Bright Tribe allegedly claimed hundreds of thousands of pounds for incomplete works, while Schools Week revealed claims of safeguarding breaches and unsafe premises at SchoolsCompany sites.  

Problems at Lilac Sky – which shut in 2017 – included staff being rehired the day after receiving large severance payments. 

Accounts, published in the summer, for SchoolsCompany stated that the trust’s “intention” was for it to be wound up “as soon as this becomes feasible”, but “this is pending while…[it] attempts to recover public funds”.  

Former trustees are being pursued through the high court in an attempt to recover up to £2.8 million of “lost public funds”.

Papers for Bright Tribe said it “is in the process of finalising outstanding matters in relation to the previous operation of the trust before closing the trust down”.  

In its notice online, the ESFA said it would update its investigation policy shortly. 

Patchy council transparency

However, councils are also patchy on transparency. For instance, Lambeth Council in south London has refused to publish its investigation into former superhead Sir Craig Tunstall, first launched in 2017.

Councils now have to publish more financial information about their schools after Lord Agnew, the former academies minister, moved to bring them more in line with requirements on academies.

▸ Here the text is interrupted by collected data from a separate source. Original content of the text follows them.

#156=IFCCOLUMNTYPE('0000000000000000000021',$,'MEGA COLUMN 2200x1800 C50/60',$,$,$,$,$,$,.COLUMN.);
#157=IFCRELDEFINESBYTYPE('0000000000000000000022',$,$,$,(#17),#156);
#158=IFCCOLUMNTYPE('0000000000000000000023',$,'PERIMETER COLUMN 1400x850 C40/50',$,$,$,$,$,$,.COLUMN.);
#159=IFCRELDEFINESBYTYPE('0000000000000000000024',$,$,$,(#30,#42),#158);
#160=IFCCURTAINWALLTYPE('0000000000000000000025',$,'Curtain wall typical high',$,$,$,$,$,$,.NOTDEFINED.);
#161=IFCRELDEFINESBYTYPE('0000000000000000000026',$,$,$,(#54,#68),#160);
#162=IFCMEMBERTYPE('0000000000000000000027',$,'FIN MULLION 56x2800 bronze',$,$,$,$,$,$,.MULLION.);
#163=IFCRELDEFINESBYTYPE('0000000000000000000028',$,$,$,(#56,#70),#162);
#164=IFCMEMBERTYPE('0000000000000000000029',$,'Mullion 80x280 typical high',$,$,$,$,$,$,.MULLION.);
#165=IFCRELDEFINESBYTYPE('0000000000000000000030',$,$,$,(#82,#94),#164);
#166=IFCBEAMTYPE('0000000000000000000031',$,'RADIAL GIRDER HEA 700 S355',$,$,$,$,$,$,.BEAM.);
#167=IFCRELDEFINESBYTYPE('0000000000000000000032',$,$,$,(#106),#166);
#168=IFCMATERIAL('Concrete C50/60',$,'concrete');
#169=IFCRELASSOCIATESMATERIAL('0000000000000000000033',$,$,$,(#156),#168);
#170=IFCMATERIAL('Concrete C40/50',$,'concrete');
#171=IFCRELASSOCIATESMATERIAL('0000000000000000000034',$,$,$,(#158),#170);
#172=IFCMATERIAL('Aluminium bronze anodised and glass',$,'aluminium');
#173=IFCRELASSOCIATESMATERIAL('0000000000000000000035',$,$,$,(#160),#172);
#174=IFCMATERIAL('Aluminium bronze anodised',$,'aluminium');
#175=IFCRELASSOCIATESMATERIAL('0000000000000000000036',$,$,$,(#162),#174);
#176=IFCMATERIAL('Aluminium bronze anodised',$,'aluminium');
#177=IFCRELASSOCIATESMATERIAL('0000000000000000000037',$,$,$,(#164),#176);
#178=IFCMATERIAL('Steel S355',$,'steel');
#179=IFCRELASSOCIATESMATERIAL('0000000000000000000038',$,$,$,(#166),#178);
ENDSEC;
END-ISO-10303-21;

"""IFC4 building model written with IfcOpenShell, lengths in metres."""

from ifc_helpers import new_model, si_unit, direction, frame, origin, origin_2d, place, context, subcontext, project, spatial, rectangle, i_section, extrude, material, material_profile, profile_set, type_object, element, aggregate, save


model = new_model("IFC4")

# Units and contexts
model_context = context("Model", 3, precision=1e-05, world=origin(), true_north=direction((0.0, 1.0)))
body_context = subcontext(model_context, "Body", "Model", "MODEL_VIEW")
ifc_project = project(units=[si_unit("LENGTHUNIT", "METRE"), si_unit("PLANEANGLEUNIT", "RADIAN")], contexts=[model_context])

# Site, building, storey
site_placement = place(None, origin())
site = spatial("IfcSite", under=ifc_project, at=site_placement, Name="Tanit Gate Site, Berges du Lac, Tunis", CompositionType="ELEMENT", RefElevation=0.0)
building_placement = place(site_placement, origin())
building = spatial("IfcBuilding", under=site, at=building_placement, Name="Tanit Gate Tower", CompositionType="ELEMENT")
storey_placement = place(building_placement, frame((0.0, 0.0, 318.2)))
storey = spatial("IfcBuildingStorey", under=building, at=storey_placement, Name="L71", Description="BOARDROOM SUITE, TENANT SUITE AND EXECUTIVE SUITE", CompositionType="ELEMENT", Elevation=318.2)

The DfE said the review would not consider changing the publication policy. Instead it will make the policy “more transparent and up to date”. The new policy could be published next week.

However it did not “comment on ongoing investigations”, but stressed that “each case is dealt with robustly and as swiftly as possible, although the length of each…can vary” depending on its complexity.  

The department also insisted current policy applied until it was updated.